Накануне открытия, назначенного в Аудитории Нкрумы Дарэс-Саламского университета, руководство оргкомитета конгресса, решения которого формировались в секретариате Дж. Ньерере, неожиданно установило правило, в соответствии с которым представительство на панафриканском конгрессе осуществлялось только национальными делегациями. Причем численность таких делегаций строго ограничивалась теми самыми одним-двумя представителями, которых были способны прислать на конгресс национально-освободительные движения и большинство стран Африки. Таким образом, афроамериканцы оказались на конгрессе в качестве туристов-наблюдателей, соображения черных организаций, аккумулировавшиеся подготовительными комитетами в течение нескольких лет подготовки, остались невостребованными. Формально не произошло никакого ущемления прав делегатов, скорее наоборот – черный народ, например, Королевства Лесото оказался на панафриканском форуме в равном положении с братским черным народом США. Единственным нарушением процедуры стала неформальная уступка мест на конгрессе карибскими делегатами своим коллегам из США. Но это были считанные исключения, не нарушившие сложившегося «справедливого» баланса сил.

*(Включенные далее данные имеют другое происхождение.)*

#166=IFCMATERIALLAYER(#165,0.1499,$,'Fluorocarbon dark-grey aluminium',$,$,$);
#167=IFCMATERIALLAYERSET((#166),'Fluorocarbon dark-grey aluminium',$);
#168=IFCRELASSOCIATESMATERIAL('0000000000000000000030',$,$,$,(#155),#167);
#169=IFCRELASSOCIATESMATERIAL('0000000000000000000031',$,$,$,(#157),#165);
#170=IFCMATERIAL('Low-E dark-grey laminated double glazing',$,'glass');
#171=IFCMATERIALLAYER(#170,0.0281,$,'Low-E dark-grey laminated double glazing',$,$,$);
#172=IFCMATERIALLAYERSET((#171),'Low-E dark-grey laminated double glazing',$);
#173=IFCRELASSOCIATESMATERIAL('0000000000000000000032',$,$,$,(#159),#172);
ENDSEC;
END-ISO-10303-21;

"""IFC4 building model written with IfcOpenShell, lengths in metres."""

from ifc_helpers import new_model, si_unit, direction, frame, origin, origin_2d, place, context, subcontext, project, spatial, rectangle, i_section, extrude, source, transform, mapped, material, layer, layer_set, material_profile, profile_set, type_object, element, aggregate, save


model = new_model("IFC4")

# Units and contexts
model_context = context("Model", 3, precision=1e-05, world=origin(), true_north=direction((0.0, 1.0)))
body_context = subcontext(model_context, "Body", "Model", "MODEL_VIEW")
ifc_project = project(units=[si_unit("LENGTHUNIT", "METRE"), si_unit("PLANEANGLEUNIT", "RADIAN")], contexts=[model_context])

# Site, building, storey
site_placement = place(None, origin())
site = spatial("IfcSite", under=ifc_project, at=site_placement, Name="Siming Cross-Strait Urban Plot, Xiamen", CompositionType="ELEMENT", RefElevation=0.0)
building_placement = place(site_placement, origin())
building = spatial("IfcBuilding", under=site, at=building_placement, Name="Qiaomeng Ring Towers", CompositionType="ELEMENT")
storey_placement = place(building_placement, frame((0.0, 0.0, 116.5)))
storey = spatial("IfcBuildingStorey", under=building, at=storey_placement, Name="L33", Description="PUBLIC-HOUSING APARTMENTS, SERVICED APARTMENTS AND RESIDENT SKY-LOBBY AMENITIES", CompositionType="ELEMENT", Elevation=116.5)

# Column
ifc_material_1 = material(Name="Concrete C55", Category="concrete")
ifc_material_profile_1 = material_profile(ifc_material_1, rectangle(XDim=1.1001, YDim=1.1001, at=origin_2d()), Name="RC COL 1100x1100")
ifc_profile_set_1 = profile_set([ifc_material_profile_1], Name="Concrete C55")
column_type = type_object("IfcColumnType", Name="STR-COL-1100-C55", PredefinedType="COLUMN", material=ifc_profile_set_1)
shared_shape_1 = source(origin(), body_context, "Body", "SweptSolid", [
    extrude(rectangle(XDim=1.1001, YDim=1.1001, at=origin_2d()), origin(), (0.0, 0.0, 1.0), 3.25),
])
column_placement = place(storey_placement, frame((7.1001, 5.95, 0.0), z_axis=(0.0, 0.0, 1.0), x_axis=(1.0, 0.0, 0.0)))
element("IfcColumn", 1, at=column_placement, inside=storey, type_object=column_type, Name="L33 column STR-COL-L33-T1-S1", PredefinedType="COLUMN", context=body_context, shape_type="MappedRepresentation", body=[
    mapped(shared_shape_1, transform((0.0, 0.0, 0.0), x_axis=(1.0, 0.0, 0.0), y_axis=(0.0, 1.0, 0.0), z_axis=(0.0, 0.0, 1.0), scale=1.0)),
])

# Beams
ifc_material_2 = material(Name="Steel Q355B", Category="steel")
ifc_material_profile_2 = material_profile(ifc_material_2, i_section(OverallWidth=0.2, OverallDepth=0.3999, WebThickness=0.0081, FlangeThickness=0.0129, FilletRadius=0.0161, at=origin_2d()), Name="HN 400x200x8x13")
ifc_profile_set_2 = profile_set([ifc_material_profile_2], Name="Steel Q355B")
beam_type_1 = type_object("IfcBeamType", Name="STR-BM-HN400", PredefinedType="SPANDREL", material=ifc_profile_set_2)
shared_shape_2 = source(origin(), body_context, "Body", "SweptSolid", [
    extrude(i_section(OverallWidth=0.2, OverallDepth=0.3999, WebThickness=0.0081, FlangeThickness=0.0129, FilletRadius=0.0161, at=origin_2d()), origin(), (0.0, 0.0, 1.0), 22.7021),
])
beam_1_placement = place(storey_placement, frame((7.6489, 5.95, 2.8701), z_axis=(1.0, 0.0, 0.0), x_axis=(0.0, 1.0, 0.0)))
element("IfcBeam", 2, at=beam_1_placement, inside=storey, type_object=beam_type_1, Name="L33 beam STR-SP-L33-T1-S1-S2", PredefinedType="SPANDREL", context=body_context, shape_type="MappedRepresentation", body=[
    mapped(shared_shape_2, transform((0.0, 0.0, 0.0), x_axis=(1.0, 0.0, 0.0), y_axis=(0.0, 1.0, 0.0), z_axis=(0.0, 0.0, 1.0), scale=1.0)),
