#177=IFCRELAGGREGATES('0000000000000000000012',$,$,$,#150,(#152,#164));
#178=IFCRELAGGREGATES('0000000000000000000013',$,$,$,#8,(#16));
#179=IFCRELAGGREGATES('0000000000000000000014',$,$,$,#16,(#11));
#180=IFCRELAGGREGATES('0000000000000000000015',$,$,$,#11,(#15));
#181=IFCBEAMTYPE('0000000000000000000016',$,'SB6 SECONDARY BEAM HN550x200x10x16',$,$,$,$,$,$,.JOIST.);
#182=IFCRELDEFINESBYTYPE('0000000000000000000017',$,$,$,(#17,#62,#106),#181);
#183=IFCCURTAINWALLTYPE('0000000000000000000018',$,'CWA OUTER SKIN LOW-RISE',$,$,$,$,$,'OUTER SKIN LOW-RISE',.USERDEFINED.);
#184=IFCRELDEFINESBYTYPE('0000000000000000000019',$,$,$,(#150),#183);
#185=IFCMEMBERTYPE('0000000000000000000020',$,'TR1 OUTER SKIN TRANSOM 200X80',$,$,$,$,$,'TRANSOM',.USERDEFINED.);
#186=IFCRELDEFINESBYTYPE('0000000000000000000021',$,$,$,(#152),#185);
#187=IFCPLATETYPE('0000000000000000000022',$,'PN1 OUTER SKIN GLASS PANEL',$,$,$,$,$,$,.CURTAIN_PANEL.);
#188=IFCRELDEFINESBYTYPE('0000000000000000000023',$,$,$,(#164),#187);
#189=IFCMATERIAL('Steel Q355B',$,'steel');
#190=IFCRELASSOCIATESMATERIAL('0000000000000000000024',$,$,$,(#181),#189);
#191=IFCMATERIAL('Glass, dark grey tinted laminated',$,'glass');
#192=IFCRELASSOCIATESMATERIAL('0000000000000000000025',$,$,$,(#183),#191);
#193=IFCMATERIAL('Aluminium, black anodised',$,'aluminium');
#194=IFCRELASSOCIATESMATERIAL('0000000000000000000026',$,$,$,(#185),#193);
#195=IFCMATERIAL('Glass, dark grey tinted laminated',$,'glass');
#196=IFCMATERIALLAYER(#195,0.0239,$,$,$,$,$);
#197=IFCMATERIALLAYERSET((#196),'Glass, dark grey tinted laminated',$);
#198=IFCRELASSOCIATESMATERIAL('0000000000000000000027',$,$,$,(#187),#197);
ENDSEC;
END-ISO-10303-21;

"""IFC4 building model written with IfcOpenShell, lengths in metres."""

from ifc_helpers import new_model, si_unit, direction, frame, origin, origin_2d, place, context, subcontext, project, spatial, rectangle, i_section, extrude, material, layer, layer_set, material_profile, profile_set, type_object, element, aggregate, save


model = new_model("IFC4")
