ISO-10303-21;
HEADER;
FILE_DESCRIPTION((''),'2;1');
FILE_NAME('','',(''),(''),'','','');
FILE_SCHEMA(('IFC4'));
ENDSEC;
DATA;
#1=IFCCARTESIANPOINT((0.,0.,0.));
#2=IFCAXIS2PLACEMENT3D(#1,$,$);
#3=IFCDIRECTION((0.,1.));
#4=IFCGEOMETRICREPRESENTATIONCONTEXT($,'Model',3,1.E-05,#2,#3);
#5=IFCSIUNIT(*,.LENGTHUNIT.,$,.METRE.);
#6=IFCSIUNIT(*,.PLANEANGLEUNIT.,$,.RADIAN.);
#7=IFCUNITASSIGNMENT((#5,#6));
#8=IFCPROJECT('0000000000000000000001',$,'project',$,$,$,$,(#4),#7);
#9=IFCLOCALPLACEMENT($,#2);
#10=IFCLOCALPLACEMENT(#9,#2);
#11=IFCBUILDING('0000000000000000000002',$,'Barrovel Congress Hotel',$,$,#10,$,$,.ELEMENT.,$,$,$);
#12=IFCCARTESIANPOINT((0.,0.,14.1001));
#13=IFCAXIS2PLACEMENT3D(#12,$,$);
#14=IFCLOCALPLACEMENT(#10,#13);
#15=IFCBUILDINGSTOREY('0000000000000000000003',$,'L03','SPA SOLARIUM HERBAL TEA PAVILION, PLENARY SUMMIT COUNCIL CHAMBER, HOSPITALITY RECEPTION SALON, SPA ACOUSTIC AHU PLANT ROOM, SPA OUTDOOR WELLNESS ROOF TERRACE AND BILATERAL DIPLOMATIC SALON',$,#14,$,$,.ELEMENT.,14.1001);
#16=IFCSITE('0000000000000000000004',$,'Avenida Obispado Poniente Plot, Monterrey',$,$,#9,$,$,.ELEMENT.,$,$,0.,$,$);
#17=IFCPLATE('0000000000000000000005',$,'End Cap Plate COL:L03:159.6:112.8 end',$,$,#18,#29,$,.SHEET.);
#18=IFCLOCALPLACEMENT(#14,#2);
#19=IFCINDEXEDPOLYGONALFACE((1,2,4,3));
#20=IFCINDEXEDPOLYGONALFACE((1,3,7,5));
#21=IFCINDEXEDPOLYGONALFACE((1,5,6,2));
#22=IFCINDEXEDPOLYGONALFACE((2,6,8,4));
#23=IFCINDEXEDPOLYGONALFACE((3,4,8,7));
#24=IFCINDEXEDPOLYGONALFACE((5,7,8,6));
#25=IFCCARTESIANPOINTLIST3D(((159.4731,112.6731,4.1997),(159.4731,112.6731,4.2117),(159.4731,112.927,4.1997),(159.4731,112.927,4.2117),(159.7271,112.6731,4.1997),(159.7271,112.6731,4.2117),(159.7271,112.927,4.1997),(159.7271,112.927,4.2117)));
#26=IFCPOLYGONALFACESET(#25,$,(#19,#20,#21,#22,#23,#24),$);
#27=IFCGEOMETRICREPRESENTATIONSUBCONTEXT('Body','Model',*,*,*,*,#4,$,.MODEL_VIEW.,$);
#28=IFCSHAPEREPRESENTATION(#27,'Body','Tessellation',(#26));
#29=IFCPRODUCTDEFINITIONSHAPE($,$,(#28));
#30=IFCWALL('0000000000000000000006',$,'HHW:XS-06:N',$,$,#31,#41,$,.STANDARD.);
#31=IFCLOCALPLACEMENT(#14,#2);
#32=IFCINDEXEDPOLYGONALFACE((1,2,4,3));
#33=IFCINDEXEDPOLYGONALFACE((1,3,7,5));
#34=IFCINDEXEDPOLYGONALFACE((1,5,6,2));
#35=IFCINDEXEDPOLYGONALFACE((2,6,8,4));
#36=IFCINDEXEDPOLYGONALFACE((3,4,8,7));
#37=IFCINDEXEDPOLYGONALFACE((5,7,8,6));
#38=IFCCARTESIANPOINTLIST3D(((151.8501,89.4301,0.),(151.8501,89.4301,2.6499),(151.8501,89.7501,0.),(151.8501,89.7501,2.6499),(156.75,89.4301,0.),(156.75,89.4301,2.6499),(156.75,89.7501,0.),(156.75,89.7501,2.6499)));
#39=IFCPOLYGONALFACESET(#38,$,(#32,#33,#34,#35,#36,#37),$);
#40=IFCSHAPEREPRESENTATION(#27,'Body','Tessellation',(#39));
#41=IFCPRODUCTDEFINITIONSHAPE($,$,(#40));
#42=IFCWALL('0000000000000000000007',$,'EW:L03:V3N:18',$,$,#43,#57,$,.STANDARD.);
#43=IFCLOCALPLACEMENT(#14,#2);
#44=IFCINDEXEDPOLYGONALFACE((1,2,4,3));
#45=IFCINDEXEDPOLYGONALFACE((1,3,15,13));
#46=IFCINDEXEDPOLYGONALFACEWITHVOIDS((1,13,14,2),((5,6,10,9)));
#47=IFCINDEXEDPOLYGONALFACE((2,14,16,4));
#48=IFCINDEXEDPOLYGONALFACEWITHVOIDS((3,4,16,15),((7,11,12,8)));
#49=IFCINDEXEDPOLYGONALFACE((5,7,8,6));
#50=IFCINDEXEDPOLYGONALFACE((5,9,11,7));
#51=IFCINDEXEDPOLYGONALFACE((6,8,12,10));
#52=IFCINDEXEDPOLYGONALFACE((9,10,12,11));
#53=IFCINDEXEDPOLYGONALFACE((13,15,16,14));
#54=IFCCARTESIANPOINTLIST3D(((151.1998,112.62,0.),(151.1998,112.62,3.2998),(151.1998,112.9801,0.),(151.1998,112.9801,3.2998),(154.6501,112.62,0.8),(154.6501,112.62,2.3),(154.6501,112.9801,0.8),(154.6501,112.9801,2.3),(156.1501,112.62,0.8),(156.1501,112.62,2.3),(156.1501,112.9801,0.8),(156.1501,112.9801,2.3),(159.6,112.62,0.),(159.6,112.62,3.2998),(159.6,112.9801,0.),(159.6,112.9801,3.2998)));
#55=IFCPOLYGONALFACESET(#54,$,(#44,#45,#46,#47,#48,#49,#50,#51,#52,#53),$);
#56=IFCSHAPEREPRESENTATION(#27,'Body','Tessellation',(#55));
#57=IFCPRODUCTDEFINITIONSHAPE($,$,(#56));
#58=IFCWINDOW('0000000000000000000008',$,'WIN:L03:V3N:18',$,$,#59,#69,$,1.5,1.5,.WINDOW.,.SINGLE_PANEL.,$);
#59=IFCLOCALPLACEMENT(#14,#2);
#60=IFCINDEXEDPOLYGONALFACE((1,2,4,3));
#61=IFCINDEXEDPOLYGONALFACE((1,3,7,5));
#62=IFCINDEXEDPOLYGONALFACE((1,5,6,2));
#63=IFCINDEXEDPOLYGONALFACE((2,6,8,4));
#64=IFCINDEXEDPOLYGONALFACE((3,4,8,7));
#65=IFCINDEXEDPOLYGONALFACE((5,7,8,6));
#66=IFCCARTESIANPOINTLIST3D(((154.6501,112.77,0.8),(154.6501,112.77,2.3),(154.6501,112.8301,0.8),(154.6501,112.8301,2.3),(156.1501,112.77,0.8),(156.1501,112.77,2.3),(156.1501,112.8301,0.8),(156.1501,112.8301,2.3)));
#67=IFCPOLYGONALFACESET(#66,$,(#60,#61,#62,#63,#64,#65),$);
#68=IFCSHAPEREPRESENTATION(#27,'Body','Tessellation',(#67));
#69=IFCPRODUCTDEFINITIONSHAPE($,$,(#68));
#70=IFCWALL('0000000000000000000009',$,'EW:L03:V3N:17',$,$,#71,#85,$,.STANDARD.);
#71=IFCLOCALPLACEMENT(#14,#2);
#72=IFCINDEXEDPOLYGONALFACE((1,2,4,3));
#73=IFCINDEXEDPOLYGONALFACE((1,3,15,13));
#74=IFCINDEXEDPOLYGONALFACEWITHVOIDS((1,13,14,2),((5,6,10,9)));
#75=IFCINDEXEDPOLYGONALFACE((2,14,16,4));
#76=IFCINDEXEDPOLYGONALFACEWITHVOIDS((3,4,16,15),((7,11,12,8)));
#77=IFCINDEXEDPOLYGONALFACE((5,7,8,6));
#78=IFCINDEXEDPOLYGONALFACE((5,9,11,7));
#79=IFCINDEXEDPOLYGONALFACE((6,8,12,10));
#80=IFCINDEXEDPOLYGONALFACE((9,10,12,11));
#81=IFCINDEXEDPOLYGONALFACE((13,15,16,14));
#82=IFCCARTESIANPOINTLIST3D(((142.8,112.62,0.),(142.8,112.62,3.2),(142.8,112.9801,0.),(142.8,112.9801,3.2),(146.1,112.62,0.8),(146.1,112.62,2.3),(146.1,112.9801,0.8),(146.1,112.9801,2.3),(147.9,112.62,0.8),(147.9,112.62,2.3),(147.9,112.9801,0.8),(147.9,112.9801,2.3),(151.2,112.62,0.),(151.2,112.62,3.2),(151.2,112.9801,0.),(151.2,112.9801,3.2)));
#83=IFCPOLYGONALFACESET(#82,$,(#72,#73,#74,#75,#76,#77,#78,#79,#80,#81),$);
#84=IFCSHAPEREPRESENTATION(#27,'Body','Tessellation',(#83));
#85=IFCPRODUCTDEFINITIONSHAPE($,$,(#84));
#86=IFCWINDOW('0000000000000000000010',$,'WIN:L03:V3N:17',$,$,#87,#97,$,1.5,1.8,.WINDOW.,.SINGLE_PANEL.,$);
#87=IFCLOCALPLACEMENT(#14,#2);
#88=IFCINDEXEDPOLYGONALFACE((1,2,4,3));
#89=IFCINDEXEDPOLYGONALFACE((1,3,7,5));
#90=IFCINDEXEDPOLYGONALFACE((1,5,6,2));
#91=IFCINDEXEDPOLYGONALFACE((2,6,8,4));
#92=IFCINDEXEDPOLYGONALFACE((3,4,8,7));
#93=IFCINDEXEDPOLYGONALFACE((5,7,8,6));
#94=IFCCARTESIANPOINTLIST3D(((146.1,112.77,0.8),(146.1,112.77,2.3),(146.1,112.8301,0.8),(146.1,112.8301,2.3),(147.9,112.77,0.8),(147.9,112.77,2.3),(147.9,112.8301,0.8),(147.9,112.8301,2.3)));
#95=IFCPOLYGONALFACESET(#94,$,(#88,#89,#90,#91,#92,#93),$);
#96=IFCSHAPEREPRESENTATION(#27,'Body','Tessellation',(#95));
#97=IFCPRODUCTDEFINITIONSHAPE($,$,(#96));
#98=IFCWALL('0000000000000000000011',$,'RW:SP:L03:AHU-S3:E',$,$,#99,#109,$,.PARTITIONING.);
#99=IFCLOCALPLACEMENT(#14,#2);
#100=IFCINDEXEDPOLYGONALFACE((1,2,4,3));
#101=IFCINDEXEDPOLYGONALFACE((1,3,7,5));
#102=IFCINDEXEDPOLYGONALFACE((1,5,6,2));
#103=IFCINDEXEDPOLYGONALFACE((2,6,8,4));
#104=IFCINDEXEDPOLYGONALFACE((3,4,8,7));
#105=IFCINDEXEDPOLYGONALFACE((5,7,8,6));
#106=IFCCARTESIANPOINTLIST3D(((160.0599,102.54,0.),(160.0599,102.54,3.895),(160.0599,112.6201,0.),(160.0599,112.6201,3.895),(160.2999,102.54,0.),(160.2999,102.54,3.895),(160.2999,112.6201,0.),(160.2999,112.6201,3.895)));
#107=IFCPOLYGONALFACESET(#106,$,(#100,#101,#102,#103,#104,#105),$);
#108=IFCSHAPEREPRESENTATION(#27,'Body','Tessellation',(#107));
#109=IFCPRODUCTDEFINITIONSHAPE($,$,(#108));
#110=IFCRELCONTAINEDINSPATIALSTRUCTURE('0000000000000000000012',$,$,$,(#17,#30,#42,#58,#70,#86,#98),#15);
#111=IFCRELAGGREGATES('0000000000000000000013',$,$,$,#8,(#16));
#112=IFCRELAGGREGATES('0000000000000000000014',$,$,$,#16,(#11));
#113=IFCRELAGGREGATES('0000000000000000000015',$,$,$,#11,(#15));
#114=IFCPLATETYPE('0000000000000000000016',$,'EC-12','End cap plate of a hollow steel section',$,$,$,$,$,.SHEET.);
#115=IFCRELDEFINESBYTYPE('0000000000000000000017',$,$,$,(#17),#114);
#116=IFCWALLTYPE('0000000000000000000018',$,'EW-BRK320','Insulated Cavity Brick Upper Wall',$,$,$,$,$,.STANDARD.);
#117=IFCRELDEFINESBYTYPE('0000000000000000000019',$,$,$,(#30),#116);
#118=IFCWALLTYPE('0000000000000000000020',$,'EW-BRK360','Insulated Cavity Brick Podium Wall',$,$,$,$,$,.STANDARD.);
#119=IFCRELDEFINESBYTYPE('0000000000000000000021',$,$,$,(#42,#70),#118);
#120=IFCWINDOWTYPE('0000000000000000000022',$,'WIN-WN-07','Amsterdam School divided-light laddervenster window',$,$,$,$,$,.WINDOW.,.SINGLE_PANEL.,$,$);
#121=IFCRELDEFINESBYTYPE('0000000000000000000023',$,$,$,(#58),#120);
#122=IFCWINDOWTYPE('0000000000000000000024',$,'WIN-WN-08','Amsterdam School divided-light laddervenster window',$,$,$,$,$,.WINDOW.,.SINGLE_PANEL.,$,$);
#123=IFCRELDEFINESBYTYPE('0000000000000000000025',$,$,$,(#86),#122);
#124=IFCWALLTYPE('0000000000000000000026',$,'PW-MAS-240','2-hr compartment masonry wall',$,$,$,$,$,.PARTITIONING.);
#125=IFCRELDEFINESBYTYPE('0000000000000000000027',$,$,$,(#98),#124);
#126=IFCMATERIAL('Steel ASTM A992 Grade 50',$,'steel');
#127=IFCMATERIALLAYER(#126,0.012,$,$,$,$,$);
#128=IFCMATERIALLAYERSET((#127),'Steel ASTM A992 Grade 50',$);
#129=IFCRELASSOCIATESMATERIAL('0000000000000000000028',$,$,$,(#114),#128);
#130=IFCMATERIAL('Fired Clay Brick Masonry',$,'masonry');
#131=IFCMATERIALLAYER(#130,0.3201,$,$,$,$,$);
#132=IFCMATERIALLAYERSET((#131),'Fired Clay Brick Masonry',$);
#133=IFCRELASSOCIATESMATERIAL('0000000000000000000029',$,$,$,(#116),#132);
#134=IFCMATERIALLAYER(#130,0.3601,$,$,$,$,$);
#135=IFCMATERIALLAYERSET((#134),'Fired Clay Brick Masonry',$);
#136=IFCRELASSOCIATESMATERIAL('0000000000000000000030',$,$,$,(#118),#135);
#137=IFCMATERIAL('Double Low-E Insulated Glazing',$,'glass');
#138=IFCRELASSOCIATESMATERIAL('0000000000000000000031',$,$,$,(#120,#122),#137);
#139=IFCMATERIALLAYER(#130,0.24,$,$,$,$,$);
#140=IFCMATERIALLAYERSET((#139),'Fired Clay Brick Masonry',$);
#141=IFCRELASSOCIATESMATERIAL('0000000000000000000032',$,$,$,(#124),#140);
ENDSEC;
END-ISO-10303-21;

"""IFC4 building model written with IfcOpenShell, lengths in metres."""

from ifc_helpers import new_model, si_unit, direction, frame, frame_2d, origin, origin_2d, place, context, subcontext, project, spatial, rectangle, extrude, material, layer, layer_set, type_object, element, fill, save


model = new_model("IFC4")

# Units and contexts
model_context = context("Model", 3, precision=1e-05, world=origin(), true_north=direction((0.0, 1.0)))
body_context = subcontext(model_context, "Body", "Model", "MODEL_VIEW")
ifc_project = project(units=[si_unit("LENGTHUNIT", "METRE"), si_unit("PLANEANGLEUNIT", "RADIAN")], contexts=[model_context])

# Site, building, storey
site_placement = place(None, origin())
site = spatial("IfcSite", under=ifc_project, at=site_placement, Name="Avenida Obispado Poniente Plot, Monterrey", CompositionType="ELEMENT", RefElevation=0.0)
building_placement = place(site_placement, origin())
building = spatial("IfcBuilding", under=site, at=building_placement, Name="Barrovel Congress Hotel", CompositionType="ELEMENT")
storey_placement = place(building_placement, frame((0.0, 0.0, 14.1001)))
storey = spatial("IfcBuildingStorey", under=building, at=storey_placement, Name="L03", Description="SPA SOLARIUM HERBAL TEA PAVILION, PLENARY SUMMIT COUNCIL CHAMBER, HOSPITALITY RECEPTION SALON, SPA ACOUSTIC AHU PLANT ROOM, SPA OUTDOOR WELLNESS ROOF TERRACE AND BILATERAL DIPLOMATIC SALON", CompositionType="ELEMENT", Elevation=14.1001)

# Shared definitions
ifc_material_1 = material(Name="Steel ASTM A992 Grade 50", Category="steel")

# Plate
ifc_layer_1 = layer(ifc_material_1, 0.012)
ifc_layer_set_1 = layer_set([ifc_layer_1], Name="Steel ASTM A992 Grade 50")
plate_type = type_object("IfcPlateType", Name="EC-12", Description="End cap plate of a hollow steel section", PredefinedType="SHEET", material=ifc_layer_set_1)
for number, where, z_axis, x_axis, name in (
    (1, (159.6001, 112.8, 4.1997), (0.0, 0.0, 1.0), (1.0, 0.0, 0.0), "End Cap Plate COL:L03:159.6:112.8 end"),
):
    element("IfcPlate", number, at=place(storey_placement, frame(where, z_axis=z_axis, x_axis=x_axis)), inside=storey, type_object=plate_type, Name=name, PredefinedType="SHEET", context=body_context, shape_type="SweptSolid", body=[
        extrude(rectangle(XDim=0.2539, YDim=0.2539, at=origin_2d()), origin(), (0.0, 0.0, 1.0), 0.012),
    ])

Следует признать, что у танзанийского руководства были основания опасаться серьезных разногласий, которые могли бы возникнуть, если бы объединенная делегация черной Америки смогла вынести на обсуждение конгресса свое видение прошлого, настоящего и будущего Африки. И дело было даже не в том, что франкоязычные страны «не смогут толком понять, к какому региону – Северной или Южной Америке относятся карибские страны».[101] Незадолго до начала работы конгресса, узнав о готовившемся «уравнивании прав» национальных делегаций, представители черных радикальных организаций подготовили так называемый Призыв. Этому документу отводилась роль проекта официальной резолюции конгресса, чтобы хотя бы в усеченном виде закрепить в итоговых материалах форума идеи «Власти черных», вооруженного отпора белым расистам по всему миру, равновеликости таких фигур в истории народов африканского происхождения, как, скажем, Нкрума и Стокли Кармайкл. В правах на поддержку уравнивались освободительные движения Юга Африки и не существовавший даже на бумаге «Панафриканский центр науки и технологий». Всем африканским лидерам предлагали признать верховенство идей Франца Фанона и Элайджи Мухаммеда, Эме Сезера и Малькольма Х.[102]

Британская традиция – своеобразная канцелярская «штабная культура», унаследованная танзанийцами, – помогла справиться с опасностью появления неподконтрольных организаторам документов или выступлений. Была выработана строгая процедура ведения заседаний, точно рассчитано время на обсуждение каждого вопроса повестки дня, исключены какие-либо параллельные обсуждения – планировались только пленарные заседания.[103] Два признанных лидера независимой Африки сделали свои выступления на открытии – Дж. Ньерере и президент Республики Гвинея Секу Туре (его выступление прочел посол Гвинеи в Танзании). Собственно, эти речи и стали тем немногим, что через средства массовой информации вышло за пределы университетских аудиторий. Помимо выступлений Ньерере и Туре было произнесено еще более трех десятков речей делегатами из разных стран и представителями международных организаций. Но пресс-конференции не проводились, потому что они не были внесены в программу конгресса, журналистам роздали заранее отпечатанные тексты программных выступлений, и в результате о настроениях участников теперь можно судить только на основании опубликованных речей упомянутых лидеров.